The maritime industry is one of the most important and advanced sectors of the German economy and represents a key role in the field of renewable energies. While the expansion of offshore structures is progressing, there is considerable pent-up demand for maintenance and repair technologies. In about 10 years, there is expected to be a significant increase in the need for maintenance of structures made predominantly of metallic materials, such as sheet pile walls.
State-of-the-art repair is performed manually by divers using arc welding with electrode and direct current. Underwater welding is considered one of the most dangerous professions in the world and requires years of professional experience. It is not surprising that diving companies with the appropriate skills are stretched for years. Therefore, there is an urgent need for new systems to maintain and repair critical maritime infrastructure.
The aim of the project is to develop an intelligent and semi-autonomous underwater welding robot, which will enable the automated renewal of underwater structures for the first time worldwide. For this purpose, the development of an underwater vehicle with the ability to dock with metallic construction and equipped with an innovative underwater welding technology for continuous and automated process control as well as powerful sensors for environment detection even under poor visibility conditions is carried out.
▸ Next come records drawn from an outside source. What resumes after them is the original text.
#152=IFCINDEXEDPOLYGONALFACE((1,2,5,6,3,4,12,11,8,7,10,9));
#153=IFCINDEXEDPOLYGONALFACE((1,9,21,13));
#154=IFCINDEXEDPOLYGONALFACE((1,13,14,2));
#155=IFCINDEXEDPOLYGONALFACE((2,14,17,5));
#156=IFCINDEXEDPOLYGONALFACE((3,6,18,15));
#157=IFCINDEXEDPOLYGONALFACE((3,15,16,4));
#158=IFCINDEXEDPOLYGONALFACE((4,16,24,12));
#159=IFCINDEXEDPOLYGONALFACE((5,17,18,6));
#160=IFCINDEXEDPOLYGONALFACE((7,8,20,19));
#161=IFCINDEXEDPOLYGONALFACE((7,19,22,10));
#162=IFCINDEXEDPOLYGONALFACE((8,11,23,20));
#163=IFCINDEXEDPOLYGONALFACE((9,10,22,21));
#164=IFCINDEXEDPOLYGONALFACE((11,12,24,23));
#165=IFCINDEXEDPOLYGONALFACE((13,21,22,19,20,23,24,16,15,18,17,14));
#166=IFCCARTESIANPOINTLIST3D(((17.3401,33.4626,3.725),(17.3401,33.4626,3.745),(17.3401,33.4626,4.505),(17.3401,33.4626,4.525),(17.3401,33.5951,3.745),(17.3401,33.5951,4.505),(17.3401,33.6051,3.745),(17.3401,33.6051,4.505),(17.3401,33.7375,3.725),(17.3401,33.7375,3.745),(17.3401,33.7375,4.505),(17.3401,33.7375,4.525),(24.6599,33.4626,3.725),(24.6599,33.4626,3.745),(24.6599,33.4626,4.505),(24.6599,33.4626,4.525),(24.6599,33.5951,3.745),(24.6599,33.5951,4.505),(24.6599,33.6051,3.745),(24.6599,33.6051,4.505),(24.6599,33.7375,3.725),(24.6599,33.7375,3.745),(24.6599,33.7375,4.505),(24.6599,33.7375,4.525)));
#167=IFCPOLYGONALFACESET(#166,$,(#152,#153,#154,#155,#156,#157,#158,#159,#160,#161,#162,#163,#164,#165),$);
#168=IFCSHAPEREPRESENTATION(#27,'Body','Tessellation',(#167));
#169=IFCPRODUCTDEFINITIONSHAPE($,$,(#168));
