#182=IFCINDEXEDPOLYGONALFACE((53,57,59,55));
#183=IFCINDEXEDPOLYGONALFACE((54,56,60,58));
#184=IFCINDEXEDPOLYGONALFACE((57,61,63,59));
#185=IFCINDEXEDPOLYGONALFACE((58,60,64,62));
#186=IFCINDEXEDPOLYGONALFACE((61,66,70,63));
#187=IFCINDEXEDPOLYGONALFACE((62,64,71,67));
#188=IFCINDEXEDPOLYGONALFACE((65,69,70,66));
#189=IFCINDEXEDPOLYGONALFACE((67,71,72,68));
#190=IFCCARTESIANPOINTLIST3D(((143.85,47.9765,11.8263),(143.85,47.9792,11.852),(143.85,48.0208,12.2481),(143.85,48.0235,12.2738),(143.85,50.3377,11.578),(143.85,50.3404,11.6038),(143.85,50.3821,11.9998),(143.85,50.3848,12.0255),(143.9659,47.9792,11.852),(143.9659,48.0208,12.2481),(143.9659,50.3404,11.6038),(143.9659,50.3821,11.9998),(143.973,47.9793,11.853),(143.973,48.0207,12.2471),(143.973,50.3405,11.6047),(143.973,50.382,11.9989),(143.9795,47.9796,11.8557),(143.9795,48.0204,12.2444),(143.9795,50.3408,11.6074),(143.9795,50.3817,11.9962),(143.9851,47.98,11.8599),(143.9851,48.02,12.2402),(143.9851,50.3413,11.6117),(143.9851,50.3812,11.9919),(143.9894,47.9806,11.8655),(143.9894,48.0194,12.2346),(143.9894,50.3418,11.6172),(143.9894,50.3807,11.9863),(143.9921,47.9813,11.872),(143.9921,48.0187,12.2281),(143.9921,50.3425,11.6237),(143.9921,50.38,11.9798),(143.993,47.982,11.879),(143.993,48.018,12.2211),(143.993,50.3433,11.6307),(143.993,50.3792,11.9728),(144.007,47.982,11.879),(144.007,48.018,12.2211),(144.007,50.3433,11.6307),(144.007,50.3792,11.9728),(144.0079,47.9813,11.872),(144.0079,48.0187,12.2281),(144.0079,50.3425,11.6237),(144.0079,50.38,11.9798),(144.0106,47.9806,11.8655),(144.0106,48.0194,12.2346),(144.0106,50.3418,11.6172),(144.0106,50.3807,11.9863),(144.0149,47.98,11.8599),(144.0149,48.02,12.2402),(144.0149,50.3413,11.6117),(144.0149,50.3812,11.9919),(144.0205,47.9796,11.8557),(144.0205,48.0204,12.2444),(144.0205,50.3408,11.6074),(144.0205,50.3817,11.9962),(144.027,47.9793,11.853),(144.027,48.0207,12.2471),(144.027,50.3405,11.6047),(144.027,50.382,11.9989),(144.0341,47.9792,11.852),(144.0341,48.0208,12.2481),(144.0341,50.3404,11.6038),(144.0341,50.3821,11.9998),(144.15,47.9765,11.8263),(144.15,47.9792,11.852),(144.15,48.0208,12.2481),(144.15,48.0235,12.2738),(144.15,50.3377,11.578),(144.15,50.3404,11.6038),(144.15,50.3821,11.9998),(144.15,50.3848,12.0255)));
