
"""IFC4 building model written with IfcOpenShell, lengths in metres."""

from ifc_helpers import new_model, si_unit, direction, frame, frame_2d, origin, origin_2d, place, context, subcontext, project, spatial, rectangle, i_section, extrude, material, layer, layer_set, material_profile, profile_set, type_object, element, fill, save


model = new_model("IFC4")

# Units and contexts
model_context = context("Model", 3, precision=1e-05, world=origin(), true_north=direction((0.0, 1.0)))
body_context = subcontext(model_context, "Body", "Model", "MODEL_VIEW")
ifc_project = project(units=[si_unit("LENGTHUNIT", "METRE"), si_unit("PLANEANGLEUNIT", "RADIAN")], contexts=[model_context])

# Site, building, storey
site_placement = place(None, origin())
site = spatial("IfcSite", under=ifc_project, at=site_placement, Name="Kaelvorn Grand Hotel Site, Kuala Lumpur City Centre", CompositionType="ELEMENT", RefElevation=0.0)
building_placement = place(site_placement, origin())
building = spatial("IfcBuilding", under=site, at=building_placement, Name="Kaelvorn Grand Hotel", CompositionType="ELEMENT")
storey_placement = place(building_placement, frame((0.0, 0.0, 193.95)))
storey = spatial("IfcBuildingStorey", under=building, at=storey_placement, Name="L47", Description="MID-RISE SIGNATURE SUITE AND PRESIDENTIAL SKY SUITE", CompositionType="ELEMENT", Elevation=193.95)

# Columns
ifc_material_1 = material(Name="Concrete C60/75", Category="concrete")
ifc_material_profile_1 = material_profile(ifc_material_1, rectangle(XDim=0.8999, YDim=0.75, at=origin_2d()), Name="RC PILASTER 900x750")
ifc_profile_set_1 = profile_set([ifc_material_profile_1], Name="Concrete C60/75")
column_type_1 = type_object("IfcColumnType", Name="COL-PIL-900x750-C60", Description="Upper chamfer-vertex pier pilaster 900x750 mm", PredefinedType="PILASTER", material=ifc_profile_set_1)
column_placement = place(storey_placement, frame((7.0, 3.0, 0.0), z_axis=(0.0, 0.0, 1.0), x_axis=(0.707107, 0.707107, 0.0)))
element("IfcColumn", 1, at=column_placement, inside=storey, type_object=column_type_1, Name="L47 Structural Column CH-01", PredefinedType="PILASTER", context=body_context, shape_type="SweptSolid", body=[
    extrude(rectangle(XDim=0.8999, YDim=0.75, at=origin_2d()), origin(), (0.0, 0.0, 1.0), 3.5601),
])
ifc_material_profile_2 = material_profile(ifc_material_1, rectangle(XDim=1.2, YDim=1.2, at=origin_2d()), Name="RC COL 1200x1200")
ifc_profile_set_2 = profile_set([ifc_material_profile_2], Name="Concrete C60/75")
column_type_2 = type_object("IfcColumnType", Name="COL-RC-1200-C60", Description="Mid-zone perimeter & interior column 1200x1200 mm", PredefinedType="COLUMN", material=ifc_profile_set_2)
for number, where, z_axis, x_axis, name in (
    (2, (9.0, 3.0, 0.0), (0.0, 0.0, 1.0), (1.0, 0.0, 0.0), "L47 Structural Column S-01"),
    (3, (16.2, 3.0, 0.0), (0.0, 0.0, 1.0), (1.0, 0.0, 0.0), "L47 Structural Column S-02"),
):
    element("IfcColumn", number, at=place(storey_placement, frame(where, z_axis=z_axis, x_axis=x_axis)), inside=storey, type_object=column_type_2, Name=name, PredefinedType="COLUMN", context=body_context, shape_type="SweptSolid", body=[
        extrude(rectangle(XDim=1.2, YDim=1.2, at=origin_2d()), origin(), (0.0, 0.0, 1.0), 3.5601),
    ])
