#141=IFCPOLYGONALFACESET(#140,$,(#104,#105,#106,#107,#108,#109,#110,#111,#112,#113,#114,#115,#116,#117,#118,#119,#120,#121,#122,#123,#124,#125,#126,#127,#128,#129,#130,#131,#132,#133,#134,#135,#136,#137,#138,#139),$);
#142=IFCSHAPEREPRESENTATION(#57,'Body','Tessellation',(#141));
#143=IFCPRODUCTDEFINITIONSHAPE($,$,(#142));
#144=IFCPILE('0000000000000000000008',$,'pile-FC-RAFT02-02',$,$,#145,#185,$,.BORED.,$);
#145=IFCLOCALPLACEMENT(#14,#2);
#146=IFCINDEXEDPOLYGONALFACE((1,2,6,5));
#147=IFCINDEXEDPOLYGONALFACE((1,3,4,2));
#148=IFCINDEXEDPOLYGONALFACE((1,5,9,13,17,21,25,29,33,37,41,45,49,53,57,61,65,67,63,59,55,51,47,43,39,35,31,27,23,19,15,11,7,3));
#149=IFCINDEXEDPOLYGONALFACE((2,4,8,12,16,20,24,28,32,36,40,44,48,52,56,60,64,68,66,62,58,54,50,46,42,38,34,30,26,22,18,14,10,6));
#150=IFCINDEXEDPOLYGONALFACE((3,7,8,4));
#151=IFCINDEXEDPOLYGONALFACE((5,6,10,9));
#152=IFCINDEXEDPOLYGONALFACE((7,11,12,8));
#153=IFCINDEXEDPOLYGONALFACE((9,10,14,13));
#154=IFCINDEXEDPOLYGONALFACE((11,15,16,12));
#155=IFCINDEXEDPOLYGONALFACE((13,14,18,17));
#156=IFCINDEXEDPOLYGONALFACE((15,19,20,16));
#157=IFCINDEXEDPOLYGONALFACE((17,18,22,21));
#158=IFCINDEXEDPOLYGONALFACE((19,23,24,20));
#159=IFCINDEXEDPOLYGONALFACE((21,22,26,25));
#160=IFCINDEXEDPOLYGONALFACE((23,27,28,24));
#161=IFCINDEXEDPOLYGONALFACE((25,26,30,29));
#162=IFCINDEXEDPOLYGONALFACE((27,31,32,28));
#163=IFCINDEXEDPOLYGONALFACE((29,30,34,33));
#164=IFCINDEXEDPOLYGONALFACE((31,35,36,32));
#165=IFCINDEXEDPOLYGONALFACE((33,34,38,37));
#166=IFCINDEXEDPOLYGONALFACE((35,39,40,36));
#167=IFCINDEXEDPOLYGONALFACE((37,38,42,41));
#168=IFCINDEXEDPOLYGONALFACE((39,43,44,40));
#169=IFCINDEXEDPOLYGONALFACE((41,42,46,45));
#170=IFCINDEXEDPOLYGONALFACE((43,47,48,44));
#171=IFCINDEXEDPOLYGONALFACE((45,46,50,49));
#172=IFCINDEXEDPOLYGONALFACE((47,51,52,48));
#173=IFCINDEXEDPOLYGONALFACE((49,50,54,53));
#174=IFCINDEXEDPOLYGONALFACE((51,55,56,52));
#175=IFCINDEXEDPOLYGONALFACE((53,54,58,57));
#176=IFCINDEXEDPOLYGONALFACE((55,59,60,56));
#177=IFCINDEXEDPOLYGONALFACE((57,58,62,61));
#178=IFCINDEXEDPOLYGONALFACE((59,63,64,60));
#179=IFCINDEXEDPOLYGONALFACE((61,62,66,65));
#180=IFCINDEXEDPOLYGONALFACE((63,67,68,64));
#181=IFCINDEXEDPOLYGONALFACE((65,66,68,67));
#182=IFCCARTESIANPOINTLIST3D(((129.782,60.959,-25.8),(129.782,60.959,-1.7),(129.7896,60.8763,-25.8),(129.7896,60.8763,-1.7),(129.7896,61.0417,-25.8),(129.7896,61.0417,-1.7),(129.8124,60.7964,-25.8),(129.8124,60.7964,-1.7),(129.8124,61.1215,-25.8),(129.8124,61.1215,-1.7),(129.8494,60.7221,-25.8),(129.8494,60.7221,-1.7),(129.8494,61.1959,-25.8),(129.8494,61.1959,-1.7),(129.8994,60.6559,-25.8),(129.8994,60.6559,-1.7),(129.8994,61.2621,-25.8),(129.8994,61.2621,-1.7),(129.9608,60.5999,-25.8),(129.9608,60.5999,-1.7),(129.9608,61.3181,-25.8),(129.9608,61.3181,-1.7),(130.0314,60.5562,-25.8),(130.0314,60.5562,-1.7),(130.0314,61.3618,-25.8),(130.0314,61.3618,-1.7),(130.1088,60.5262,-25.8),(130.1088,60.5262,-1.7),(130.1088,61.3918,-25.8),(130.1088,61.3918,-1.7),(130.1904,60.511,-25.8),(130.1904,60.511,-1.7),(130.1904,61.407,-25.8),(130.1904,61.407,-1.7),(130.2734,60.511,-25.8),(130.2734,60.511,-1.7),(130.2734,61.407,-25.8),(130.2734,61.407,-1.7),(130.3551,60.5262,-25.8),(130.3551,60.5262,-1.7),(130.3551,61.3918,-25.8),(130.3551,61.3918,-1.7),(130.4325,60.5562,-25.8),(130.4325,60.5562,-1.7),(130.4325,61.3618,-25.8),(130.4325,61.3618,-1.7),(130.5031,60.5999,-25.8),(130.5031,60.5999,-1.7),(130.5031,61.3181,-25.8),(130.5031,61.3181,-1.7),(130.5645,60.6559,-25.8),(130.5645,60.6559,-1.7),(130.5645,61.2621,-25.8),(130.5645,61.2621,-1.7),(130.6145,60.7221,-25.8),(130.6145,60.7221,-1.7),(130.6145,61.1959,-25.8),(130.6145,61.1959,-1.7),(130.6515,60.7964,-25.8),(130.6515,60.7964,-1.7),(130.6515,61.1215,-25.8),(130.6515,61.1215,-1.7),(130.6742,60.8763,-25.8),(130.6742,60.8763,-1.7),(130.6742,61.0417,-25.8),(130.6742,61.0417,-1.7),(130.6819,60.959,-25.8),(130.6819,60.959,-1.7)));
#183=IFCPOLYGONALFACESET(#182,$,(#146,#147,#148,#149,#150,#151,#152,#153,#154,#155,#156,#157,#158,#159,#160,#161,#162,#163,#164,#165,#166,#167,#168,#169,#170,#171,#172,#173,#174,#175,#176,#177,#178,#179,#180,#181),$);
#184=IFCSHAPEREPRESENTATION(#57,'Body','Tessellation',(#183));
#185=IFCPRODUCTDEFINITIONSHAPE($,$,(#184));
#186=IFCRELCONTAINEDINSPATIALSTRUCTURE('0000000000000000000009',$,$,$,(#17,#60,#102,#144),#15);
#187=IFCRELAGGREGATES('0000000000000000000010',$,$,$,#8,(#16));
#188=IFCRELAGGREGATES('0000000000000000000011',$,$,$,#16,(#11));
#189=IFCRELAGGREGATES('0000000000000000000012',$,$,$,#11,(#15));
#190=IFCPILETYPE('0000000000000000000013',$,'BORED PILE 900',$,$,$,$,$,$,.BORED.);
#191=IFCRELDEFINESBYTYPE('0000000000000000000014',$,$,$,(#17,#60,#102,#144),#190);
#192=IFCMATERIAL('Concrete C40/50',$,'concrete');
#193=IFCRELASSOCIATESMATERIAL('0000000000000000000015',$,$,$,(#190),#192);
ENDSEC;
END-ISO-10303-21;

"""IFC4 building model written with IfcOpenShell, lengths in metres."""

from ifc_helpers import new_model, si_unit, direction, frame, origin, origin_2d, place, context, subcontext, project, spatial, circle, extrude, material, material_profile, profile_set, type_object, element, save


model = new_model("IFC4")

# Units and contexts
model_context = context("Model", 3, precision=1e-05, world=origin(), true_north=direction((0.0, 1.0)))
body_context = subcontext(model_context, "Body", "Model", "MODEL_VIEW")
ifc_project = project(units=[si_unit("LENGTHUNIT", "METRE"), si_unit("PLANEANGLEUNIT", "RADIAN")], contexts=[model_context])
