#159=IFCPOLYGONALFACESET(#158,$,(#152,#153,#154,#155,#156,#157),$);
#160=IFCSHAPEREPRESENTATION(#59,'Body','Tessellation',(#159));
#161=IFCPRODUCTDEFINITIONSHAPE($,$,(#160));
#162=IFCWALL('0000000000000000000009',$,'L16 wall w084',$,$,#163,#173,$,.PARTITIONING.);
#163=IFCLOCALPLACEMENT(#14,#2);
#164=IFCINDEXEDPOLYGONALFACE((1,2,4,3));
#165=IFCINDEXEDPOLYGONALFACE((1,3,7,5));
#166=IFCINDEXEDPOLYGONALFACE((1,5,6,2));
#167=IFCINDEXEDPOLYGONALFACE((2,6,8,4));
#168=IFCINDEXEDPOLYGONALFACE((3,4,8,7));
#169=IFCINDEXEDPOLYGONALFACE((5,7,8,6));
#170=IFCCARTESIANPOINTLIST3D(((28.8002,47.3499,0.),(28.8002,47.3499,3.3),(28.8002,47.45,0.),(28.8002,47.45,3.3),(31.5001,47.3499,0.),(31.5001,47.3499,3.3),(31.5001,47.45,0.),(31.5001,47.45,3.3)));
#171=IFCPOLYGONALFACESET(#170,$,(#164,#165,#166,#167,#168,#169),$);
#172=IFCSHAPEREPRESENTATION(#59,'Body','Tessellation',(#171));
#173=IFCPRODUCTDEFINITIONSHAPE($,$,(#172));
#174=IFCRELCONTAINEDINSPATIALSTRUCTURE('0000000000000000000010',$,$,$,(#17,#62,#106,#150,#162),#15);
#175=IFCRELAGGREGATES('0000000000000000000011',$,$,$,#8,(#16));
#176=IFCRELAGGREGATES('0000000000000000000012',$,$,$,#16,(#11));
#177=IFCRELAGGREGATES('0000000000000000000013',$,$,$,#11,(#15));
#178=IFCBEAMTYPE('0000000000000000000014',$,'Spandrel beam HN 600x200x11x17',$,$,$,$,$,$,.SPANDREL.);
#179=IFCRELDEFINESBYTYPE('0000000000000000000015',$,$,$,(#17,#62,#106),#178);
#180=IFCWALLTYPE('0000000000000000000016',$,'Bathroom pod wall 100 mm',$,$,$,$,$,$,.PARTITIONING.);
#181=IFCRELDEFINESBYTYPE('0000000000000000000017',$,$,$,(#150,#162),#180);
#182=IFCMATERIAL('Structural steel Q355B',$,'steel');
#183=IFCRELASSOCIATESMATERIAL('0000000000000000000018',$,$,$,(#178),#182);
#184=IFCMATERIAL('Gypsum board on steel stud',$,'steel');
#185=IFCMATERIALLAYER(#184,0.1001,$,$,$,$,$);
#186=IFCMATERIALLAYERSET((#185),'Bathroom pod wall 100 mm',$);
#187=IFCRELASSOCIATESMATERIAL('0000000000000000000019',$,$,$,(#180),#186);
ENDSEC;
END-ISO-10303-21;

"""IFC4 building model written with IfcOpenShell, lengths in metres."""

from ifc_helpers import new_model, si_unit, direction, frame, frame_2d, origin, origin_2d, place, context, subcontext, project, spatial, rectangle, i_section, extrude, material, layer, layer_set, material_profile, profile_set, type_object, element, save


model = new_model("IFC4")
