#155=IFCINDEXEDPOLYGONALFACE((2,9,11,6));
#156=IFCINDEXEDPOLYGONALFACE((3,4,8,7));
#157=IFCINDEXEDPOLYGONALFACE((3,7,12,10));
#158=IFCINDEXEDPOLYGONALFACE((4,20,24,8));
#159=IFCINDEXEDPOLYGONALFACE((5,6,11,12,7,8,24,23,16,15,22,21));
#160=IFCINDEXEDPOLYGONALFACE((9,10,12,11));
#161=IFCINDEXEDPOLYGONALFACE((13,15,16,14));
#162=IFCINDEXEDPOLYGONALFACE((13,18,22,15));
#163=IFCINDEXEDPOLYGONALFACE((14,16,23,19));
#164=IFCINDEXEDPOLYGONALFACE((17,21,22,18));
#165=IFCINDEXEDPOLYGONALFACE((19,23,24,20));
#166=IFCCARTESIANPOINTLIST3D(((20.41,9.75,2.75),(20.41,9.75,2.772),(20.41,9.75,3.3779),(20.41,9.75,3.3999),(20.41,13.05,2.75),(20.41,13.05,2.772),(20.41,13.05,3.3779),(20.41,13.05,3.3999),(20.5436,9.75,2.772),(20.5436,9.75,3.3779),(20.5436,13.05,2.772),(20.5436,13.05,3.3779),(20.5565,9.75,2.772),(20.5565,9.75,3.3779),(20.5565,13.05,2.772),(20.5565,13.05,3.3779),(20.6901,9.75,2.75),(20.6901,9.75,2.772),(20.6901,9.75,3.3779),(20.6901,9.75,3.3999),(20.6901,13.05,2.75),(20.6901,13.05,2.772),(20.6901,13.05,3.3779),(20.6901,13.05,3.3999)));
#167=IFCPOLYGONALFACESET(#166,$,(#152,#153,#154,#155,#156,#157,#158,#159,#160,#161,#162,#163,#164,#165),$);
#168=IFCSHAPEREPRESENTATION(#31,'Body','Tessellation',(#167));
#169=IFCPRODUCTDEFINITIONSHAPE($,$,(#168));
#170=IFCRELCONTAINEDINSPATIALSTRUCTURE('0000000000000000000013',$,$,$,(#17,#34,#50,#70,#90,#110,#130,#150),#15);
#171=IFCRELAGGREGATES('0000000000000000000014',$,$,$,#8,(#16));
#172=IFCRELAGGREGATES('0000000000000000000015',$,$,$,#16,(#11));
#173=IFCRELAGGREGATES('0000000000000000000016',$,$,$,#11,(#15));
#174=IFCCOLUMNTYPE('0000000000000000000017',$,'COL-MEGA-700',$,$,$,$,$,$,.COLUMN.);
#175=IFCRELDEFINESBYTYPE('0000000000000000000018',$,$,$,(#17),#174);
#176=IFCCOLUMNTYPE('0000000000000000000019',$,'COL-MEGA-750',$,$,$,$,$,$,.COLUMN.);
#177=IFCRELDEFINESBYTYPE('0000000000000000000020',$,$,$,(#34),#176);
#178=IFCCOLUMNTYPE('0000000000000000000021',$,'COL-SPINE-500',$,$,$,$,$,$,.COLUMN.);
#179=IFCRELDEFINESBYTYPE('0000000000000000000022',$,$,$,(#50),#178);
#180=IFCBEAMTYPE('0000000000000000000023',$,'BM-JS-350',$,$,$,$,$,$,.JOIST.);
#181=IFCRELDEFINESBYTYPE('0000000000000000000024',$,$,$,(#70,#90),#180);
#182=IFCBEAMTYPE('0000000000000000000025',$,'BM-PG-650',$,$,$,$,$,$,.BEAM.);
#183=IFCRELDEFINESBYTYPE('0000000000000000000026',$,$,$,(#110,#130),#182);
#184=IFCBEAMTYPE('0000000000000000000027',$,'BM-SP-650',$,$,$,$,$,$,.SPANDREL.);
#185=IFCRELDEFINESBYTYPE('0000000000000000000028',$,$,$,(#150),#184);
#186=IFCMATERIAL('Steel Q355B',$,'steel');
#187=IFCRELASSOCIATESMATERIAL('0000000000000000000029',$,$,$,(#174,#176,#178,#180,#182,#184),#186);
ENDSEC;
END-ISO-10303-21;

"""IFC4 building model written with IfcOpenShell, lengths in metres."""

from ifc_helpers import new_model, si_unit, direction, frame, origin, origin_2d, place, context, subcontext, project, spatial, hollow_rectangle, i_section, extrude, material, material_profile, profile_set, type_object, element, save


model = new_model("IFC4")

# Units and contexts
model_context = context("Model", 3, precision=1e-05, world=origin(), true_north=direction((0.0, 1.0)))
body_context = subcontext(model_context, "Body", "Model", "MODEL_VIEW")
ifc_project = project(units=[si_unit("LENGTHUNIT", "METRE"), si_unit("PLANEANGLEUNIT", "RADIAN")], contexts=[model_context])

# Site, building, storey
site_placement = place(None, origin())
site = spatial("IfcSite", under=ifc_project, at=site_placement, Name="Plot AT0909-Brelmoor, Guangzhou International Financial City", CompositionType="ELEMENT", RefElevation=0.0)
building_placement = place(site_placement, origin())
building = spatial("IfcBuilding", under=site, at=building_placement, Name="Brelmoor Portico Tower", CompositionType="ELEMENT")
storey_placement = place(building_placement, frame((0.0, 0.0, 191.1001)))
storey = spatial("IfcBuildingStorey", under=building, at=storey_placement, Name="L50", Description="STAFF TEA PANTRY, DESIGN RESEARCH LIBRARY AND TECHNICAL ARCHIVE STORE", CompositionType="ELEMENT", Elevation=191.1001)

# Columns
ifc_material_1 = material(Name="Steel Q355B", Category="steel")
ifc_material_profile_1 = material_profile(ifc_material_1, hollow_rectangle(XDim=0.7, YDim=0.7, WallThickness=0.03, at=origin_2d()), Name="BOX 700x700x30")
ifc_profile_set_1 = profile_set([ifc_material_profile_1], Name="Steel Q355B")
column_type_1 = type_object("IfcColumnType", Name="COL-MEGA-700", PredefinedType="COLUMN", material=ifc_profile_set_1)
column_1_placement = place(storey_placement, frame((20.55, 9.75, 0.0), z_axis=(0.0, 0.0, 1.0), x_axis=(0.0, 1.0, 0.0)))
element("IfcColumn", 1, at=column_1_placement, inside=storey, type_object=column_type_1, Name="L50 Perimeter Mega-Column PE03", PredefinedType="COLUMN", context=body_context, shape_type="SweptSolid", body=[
The autonomous welding process is enabled by a coordinated control system developed by the DFKI, which ensures the optimal interaction of the subsystems vehicle, docking system and fine adjustment of the welding torch. The primary task is to precisely guide the torch along the weld seam. In addition, the vehicle must be aligned and positioned as precisely as possible under wave action and other disturbing influences to enable welding. To avoid interactions, a holistic control system is required that considers all subsystems and degrees of freedom as well as the different actuator modalities. At the same time, the welding process is monitored to achieve an optimal result. The control is supported by artificial intelligence methods. For example, by learned models that approximate the dynamic behavior of the vehicle and the welding process.
The welding robot will initially be tested in the Large Test Basin in DFKI's Maritime Exploration Hall. Subsequently, autonomous welding will be demonstrated under real conditions.
Compared to the current way of working, the welding robot is expected to significantly improve seam quality, working speed and work safety. The robot thus plays a key role in the maintenance of critical maritime infrastructure.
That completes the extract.